Чистое Зеркало положил лист с двустишием на жаровню. Шан молча смотрел, как бумага постепенно занимается огнем, скручивается, рассыпается пеплом.
Написанные им слова сгорели. Сказанные гадателем – вступили в свои права.
Внезапно Чистое Зеркало чуть подался к нему.
– Я должен сказать вам кое-что еще, – примолвил он с улыбкой. – То дело, ради которого вы в действительности пришли ко мне, завершится благополучно.
Покидая квартал, занятый кланом гадателей, Шан вполне правдоподобно споткнулся сразу же за воротами. Разумеется, мнимый рассыльный был просто обязан по такому случаю разразиться цветистой тирадой, в которой поминалась бы мостовая, ее незадачливые предки и оголтелая жара, из-за которой приличный человек не разбирает, куда идет и что у него оказывается под ногами. Впрочем, ругань была хотя и красочной, но не злобной – как и подобает ошарашенному балбесу, которому на голову только что пролился дождь из грядущих денег, служебных наград, хорошеньких девиц и пирожков с абрикосами, и даже такая досадная штука, как ушибленное колено, не в силах испортить ему настроение.
Зато ругань была громкой. И действие свое возымела.
Не успела она отзвучать, как от дерева шагах в двадцати от ворот отлепилась фигура, облаченная в слегка поношенный ань в узкую серо-черно-синюю полоску, и двинулась вдоль по улице, не оглядываясь. Самое что ни на есть подходящее платье для обедневшего ли – когда денег нет уже настолько, что приходится выбирать, носить ему заплатанное старье из отцовских сундуков или же одеться в нечто дешевое, подобающее скорее простолюдину. Подобные ткани представляли собой отличный компромисс: пусть не шелк, но ведь и не ряднина! И Вьюн в этом наряде – ну просто точь-в-точь сынок промотавшегося родителя. А всего-то и надо было, что вывернуть наизнанку двустороннюю форму. Ни одна живая душа не опознает в этом праздношатающемся мелком аристократике одного из трех рассыльных, побывавших у главы клана. Да что там, Шан и сам едва узнал Ная – настолько иной стала его походка и манера держаться.
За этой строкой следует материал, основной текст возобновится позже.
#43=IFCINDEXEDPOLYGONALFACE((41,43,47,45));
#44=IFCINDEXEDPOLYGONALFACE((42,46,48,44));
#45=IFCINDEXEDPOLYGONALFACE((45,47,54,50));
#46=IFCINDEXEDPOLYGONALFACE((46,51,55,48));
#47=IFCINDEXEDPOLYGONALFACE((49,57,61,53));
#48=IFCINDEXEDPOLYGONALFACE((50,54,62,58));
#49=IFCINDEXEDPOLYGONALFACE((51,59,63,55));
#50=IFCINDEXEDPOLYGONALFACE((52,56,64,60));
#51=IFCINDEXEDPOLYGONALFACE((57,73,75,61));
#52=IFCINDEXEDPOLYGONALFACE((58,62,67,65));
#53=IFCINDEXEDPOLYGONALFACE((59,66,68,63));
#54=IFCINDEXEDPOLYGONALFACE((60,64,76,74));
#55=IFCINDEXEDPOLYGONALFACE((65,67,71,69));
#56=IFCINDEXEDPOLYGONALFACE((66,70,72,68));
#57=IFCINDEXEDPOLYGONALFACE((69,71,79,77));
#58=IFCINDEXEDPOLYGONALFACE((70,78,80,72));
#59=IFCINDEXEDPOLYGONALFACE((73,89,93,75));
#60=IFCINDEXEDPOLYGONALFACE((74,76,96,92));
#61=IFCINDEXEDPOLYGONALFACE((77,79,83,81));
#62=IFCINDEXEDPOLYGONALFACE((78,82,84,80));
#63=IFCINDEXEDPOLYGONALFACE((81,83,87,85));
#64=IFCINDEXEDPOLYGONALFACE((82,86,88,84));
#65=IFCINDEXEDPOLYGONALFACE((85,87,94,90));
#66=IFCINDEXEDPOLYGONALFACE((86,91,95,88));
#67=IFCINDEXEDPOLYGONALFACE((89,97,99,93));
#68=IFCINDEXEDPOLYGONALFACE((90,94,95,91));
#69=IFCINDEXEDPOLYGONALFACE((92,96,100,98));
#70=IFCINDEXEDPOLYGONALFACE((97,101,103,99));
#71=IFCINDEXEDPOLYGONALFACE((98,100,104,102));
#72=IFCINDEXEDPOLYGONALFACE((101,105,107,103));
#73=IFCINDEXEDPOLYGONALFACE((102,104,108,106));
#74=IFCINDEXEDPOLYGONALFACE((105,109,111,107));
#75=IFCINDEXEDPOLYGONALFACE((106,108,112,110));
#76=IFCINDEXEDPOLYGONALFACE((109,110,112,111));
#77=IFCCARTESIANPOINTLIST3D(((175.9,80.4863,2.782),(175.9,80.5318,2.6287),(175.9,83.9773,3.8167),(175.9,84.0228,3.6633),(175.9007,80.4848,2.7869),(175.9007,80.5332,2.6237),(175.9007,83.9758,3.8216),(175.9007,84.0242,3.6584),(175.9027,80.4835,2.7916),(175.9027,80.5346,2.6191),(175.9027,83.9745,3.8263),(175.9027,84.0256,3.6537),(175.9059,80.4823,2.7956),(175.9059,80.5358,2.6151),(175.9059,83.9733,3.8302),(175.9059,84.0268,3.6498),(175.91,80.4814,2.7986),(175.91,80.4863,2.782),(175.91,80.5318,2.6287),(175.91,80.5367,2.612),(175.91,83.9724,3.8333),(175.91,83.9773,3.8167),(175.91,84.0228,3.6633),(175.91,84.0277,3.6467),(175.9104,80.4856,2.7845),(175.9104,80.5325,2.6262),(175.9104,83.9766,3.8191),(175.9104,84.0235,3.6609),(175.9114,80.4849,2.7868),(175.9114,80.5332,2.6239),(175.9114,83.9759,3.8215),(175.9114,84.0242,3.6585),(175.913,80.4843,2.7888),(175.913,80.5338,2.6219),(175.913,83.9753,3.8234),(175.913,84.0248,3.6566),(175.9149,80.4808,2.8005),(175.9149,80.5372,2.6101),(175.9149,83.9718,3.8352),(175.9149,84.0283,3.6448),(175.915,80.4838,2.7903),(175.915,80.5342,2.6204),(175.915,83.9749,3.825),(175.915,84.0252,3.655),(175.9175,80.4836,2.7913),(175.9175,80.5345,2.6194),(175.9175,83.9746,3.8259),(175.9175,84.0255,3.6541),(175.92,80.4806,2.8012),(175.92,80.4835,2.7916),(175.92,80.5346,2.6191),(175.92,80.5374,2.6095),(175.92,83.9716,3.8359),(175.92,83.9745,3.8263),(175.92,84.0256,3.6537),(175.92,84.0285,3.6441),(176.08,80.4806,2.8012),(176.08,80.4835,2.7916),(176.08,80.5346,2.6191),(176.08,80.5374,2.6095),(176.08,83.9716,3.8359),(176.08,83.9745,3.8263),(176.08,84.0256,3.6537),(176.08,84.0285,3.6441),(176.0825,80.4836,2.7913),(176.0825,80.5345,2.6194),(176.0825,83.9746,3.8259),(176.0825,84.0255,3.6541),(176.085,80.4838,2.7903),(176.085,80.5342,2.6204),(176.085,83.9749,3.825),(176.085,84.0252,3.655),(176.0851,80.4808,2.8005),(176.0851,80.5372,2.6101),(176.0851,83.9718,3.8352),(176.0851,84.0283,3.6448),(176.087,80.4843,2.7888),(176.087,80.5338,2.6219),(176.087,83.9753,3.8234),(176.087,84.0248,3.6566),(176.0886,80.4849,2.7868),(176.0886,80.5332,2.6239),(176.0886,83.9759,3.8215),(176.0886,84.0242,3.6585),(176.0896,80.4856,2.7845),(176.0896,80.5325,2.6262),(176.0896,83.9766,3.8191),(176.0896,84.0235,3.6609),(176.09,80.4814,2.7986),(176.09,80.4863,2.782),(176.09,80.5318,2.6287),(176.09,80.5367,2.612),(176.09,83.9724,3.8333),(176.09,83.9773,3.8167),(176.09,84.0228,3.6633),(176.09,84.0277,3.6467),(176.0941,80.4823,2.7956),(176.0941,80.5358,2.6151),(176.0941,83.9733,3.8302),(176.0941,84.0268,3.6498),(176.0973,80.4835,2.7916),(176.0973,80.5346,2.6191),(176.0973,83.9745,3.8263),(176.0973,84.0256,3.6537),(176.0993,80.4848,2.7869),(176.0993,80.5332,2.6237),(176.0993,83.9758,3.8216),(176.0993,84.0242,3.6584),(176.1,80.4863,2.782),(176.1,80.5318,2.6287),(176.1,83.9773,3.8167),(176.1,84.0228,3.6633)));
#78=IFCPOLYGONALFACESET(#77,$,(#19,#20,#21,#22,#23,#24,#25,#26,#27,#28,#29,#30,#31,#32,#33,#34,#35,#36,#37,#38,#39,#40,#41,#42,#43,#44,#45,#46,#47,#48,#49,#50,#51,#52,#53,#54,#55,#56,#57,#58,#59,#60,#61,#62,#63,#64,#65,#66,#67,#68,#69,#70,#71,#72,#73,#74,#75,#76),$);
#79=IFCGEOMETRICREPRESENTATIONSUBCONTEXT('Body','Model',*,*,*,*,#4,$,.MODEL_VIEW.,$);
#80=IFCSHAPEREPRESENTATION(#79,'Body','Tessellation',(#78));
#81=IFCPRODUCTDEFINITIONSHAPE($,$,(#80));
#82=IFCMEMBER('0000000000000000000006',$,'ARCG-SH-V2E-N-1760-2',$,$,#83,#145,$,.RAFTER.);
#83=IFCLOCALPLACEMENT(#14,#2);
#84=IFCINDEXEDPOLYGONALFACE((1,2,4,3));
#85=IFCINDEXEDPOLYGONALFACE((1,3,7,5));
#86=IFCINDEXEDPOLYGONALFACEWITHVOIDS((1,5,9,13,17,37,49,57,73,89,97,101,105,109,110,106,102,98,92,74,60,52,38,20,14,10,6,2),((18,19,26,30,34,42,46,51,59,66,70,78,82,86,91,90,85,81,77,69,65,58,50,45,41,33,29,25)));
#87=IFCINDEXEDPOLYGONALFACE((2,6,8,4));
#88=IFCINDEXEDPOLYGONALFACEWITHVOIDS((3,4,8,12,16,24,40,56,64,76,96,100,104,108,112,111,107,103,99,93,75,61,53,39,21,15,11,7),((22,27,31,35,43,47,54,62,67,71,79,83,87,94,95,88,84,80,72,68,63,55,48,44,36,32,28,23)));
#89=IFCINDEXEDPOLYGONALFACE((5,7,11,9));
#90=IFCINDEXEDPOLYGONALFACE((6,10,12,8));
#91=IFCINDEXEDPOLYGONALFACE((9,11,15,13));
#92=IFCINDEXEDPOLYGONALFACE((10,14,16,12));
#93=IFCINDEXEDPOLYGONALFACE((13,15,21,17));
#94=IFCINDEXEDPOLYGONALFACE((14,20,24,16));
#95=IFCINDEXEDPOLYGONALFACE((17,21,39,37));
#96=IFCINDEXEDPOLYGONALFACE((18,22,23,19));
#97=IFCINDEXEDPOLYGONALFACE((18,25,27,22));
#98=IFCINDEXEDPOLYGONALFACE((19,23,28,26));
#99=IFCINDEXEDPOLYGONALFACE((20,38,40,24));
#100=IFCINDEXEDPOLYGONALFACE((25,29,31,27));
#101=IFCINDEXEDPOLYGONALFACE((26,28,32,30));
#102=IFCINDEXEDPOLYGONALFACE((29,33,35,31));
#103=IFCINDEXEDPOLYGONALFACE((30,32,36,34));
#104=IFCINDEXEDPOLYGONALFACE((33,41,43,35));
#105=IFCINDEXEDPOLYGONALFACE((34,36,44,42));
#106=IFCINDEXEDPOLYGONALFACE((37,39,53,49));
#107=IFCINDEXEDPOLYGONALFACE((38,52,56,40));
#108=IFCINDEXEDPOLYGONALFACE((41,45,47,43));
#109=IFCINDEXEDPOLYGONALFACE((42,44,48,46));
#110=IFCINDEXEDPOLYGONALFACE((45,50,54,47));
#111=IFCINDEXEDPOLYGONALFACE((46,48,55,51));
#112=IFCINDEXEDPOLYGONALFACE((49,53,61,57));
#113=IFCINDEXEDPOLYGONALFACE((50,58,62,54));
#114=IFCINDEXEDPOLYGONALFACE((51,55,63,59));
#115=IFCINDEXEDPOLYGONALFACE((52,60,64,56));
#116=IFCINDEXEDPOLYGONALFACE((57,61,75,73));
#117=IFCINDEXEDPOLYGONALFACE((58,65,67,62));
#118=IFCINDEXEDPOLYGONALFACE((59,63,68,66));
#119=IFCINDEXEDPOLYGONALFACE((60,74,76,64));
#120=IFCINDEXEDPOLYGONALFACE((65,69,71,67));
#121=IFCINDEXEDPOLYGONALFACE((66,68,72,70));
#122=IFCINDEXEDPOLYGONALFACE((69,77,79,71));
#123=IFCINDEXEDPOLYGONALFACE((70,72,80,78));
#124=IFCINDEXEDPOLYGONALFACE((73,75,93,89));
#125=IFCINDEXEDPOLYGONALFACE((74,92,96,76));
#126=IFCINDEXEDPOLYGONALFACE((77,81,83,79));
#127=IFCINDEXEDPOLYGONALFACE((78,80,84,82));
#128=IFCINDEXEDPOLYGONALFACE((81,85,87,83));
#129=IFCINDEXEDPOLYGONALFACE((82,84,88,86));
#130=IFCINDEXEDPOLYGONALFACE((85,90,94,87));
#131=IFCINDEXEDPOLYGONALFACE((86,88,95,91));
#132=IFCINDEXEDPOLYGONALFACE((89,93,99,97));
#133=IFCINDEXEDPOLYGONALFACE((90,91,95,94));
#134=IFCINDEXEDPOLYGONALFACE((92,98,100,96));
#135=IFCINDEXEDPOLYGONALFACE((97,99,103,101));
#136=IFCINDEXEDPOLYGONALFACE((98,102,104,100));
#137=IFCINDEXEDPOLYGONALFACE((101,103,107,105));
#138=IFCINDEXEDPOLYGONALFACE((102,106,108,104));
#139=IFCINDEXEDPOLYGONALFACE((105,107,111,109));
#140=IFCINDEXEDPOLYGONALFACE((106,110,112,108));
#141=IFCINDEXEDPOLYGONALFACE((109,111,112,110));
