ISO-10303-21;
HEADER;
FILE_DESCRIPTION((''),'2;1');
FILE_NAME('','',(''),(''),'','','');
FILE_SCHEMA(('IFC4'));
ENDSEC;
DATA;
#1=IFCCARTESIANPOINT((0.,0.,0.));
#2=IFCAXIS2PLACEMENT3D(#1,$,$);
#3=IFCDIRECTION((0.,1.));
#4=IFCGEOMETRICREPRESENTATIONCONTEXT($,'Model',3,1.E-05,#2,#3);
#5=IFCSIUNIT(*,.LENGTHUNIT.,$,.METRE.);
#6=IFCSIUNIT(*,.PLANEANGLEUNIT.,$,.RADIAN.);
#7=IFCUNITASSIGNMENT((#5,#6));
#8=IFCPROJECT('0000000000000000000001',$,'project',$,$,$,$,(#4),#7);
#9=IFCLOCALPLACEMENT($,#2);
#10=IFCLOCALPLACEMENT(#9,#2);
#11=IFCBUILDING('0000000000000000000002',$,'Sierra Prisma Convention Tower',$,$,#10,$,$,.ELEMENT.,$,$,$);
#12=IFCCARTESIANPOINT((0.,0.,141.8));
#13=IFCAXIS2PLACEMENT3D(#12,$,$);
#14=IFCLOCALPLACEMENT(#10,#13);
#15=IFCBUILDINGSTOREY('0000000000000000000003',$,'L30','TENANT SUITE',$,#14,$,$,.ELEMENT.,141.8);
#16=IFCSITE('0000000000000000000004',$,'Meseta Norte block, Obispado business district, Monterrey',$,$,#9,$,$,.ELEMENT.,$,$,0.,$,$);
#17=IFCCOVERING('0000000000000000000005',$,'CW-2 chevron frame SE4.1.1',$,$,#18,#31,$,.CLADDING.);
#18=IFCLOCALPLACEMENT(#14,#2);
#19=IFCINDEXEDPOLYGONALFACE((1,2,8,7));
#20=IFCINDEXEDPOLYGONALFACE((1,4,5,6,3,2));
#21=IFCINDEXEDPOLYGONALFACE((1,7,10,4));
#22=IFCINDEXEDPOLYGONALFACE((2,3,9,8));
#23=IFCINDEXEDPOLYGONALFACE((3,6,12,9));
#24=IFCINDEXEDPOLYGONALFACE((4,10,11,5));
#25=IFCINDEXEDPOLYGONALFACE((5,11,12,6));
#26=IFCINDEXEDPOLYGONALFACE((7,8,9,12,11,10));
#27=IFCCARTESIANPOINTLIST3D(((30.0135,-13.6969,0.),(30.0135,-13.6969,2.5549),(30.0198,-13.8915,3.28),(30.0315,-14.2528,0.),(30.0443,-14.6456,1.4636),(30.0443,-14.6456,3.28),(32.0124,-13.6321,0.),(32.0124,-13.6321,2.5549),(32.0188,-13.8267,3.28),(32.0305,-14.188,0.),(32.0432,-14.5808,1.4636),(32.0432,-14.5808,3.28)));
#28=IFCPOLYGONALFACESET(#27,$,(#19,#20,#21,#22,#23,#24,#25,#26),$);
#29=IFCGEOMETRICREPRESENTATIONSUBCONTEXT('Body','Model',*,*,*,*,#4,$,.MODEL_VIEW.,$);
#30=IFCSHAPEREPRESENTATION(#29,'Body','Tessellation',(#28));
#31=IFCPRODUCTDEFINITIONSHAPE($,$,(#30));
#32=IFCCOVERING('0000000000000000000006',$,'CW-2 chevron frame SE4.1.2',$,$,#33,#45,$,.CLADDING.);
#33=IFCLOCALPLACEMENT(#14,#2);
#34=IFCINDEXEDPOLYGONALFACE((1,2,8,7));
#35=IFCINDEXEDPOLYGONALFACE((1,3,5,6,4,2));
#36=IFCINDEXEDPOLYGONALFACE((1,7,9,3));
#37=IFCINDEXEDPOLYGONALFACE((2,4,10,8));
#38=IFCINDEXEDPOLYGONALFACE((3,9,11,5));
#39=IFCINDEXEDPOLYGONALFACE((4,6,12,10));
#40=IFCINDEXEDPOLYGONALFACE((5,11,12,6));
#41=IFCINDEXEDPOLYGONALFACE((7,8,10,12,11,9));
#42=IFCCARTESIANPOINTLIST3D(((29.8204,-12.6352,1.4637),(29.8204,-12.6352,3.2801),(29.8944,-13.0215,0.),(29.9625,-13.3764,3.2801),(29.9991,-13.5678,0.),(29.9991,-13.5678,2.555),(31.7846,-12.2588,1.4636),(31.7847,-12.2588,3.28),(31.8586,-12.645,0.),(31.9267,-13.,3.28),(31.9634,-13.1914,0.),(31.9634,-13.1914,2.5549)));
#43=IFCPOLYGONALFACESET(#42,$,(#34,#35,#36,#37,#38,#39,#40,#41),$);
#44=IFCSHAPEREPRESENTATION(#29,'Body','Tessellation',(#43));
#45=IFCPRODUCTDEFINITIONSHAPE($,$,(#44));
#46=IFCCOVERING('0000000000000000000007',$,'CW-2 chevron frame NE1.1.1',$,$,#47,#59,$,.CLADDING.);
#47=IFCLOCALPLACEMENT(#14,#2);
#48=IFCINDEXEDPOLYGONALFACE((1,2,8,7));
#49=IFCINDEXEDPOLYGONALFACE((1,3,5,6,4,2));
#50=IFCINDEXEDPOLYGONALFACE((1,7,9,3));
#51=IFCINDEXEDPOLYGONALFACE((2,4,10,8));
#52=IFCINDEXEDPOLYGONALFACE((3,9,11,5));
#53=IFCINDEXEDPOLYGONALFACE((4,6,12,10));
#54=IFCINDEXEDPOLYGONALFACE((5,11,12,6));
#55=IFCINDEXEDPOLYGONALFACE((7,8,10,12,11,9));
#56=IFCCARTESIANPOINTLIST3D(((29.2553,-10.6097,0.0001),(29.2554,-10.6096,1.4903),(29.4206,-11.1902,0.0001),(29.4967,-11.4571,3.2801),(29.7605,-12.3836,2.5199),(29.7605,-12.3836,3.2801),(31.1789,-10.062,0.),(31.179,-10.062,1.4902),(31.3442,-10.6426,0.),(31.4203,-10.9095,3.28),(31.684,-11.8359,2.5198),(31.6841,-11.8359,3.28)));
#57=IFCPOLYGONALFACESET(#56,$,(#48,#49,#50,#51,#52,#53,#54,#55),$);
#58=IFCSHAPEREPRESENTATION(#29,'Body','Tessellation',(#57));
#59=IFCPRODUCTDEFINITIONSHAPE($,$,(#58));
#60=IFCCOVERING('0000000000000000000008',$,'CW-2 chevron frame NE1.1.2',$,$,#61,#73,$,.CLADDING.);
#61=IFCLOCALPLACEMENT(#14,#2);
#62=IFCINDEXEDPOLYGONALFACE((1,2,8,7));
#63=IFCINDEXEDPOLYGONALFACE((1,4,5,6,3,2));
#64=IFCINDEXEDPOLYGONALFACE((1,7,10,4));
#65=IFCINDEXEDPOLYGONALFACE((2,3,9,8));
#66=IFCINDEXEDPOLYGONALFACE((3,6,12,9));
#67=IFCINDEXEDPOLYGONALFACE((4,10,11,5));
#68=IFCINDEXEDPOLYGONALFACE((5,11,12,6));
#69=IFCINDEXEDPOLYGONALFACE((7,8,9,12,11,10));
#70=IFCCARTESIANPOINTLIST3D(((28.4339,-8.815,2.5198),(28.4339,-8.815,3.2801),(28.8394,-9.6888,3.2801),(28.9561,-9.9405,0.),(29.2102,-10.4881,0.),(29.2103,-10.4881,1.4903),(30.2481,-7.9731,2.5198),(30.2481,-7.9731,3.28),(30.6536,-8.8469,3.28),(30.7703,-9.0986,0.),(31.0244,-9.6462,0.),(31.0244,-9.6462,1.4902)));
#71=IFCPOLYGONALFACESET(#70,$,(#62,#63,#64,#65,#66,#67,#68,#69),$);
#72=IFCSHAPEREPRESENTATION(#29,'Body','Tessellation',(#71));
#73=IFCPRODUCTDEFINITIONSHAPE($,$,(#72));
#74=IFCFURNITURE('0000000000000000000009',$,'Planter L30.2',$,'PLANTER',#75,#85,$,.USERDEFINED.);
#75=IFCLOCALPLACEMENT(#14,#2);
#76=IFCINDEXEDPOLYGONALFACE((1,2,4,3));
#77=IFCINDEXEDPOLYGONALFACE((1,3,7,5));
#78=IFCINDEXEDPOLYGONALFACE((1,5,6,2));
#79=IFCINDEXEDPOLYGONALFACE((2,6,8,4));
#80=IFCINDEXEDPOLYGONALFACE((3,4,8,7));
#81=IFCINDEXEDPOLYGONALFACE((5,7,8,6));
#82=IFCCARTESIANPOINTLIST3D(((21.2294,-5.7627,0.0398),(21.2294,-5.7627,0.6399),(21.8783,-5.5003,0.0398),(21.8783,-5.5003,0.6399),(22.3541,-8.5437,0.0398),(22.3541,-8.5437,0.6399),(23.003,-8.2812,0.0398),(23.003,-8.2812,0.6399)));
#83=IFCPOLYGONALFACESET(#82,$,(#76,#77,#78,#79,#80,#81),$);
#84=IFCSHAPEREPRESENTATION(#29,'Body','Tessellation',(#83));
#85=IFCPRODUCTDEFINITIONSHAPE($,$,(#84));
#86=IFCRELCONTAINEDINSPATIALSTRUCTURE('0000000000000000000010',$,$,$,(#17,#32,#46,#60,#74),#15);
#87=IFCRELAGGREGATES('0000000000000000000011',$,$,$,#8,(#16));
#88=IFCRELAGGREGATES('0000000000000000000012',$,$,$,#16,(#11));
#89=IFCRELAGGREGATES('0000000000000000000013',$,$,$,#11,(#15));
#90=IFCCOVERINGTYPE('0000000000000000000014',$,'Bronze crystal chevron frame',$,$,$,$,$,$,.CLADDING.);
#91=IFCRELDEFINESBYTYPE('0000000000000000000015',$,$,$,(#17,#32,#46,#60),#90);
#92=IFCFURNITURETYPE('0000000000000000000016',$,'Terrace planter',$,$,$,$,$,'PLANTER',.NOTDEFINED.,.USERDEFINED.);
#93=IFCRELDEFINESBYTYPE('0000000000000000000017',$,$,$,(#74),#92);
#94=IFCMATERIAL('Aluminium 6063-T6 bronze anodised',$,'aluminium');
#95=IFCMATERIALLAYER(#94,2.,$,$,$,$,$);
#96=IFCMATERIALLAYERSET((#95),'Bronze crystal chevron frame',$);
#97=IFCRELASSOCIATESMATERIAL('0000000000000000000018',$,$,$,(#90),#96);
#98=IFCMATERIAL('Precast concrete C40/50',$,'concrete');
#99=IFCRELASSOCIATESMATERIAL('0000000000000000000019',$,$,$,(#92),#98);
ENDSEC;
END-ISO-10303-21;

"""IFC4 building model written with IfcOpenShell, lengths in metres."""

from ifc_helpers import new_model, si_unit, direction, frame, origin, origin_2d, place, context, subcontext, project, spatial, polyline, rectangle, outline, extrude, material, layer, layer_set, type_object, element, save


model = new_model("IFC4")

# Units and contexts
model_context = context("Model", 3, precision=1e-05, world=origin(), true_north=direction((0.0, 1.0)))
body_context = subcontext(model_context, "Body", "Model", "MODEL_VIEW")
ifc_project = project(units=[si_unit("LENGTHUNIT", "METRE"), si_unit("PLANEANGLEUNIT", "RADIAN")], contexts=[model_context])

# Site, building, storey
site_placement = place(None, origin())
site = spatial("IfcSite", under=ifc_project, at=site_placement, Name="Meseta Norte block, Obispado business district, Monterrey", CompositionType="ELEMENT", RefElevation=0.0)
building_placement = place(site_placement, origin())
building = spatial("IfcBuilding", under=site, at=building_placement, Name="Sierra Prisma Convention Tower", CompositionType="ELEMENT")
storey_placement = place(building_placement, frame((0.0, 0.0, 141.8)))
storey = spatial("IfcBuildingStorey", under=building, at=storey_placement, Name="L30", Description="TENANT SUITE", CompositionType="ELEMENT", Elevation=141.8)

# Coverings
ifc_material_1 = material(Name="Aluminium 6063-T6 bronze anodised", Category="aluminium")
ifc_layer_1 = layer(ifc_material_1, 2.0)
ifc_layer_set_1 = layer_set([ifc_layer_1], Name="Bronze crystal chevron frame")
covering_type = type_object("IfcCoveringType", Name="Bronze crystal chevron frame", PredefinedType="CLADDING", material=ifc_layer_set_1)
covering_1_placement = place(storey_placement, frame((32.0432, -14.5808, 3.28), z_axis=(0.999475, 0.032413, 0.000001), x_axis=(0.000001, 0.0, -1.0)))
element("IfcCovering", 1, at=covering_1_placement, inside=storey, type_object=covering_type, Name="CW-2 chevron frame SE4.1.1", PredefinedType="CLADDING", context=body_context, shape_type="SweptSolid", body=[
    extrude(outline(polyline([(0.0, 0.0), (1.8164, 0.0), (3.28, 0.393), (3.28, 0.9492), (0.7251, 0.9492), (0.0, 0.7545), (0.0, 0.0)])), origin(), (0.0, 0.0, -1.0), 2.0),
])
covering_2_placement = place(storey_placement, frame((31.8586, -12.645, 0.0), z_axis=(0.982128, 0.188215, -0.000016), x_axis=(-0.048823, 0.254846, 0.965748)))
element("IfcCovering", 2, at=covering_2_placement, inside=storey, type_object=covering_type, Name="CW-2 chevron frame SE4.1.2", PredefinedType="CLADDING", context=body_context, shape_type="SweptSolid", body=[
    extrude(outline(polyline([(0.0, 0.0), (1.5155, 0.0), (3.2697, 0.4713), (3.0739, 1.2002), (2.3231, 1.2002), (-0.1444, 0.5373), (0.0, 0.0)])), origin(), (0.0, 0.0, -1.0), 2.0),
])
covering_3_placement = place(storey_placement, frame((31.6841, -11.8359, 3.28), z_axis=(0.961781, 0.273819, -0.000045), x_axis=(-0.000043, -0.000012, -1.0)))
element("IfcCovering", 3, at=covering_3_placement, inside=storey, type_object=covering_type, Name="CW-2 chevron frame NE1.1.1", PredefinedType="CLADDING", context=body_context, shape_type="SweptSolid", body=[
    extrude(outline(polyline([(0.0, 0.0), (0.7603, 0.0), (3.28, 1.2408), (3.28, 1.8444), (1.7898, 1.8444), (0.0, 0.9633), (0.0, 0.0)])), origin(), (0.0, 0.0, -1.0), 2.0),
])
covering_4_placement = place(storey_placement, frame((31.0244, -9.6462, 0.0), z_axis=(0.907086, 0.420944, -0.000023), x_axis=(-0.420944, 0.907086, 0.0)))
element("IfcCovering", 4, at=covering_4_placement, inside=storey, type_object=covering_type, Name="CW-2 chevron frame NE1.1.2", PredefinedType="CLADDING", context=body_context, shape_type="SweptSolid", body=[
    extrude(outline(polyline([(0.0, 0.0), (0.6037, 0.0), (1.8444, 2.5198), (1.8444, 3.28), (0.8812, 3.28), (0.0, 1.4902), (0.0, 0.0)])), origin(), (0.0, 0.0, -1.0), 2.0),
])

# Furniture
ifc_material_2 = material(Name="Precast concrete C40/50", Category="concrete")
furniture_type = type_object("IfcFurnitureType", Name="Terrace planter", ElementType="PLANTER", AssemblyPlace="NOTDEFINED", PredefinedType="USERDEFINED", material=ifc_material_2)
furniture_placement = place(storey_placement, frame((22.1162, -7.022, 0.0398), z_axis=(0.0, 0.0, 1.0), x_axis=(-0.374906, 0.927063, 0.0)))
element("IfcFurniture", 5, at=furniture_placement, inside=storey, type_object=furniture_type, Name="Planter L30.2", ObjectType="PLANTER", PredefinedType="USERDEFINED", context=body_context, shape_type="SweptSolid", body=[
    extrude(rectangle(XDim=2.9998, YDim=0.7, at=origin_2d()), origin(), (0.0, 0.0, 1.0), 0.6001),
])

save(model, "model.ifc")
Храмовая Собака следовал за Наем, не вправе оглянуться. Он не мог проверить, что творится у него позади. Только надеяться.
Он шел сквозь густую слепящую предвечернюю жару, отсчитывая время по шагам. Шаг. Еще шаг. Мгновение. Еще мгновение.
Неужели они втроем все-таки ошиблись?
Неужели ничего не получится?
Шаг. И еще шаг…
И тут до Шана донеслась долгожданная задорная мелодия.
Где-то у него за спиной Тье высвистывал замысловатые фиоритуры, и заслышав их, Шан от облегчения едва не сбился с ноги.
Шелковый Пояс повелся!
И сейчас он следует за Шаном – а Тье идет за ним.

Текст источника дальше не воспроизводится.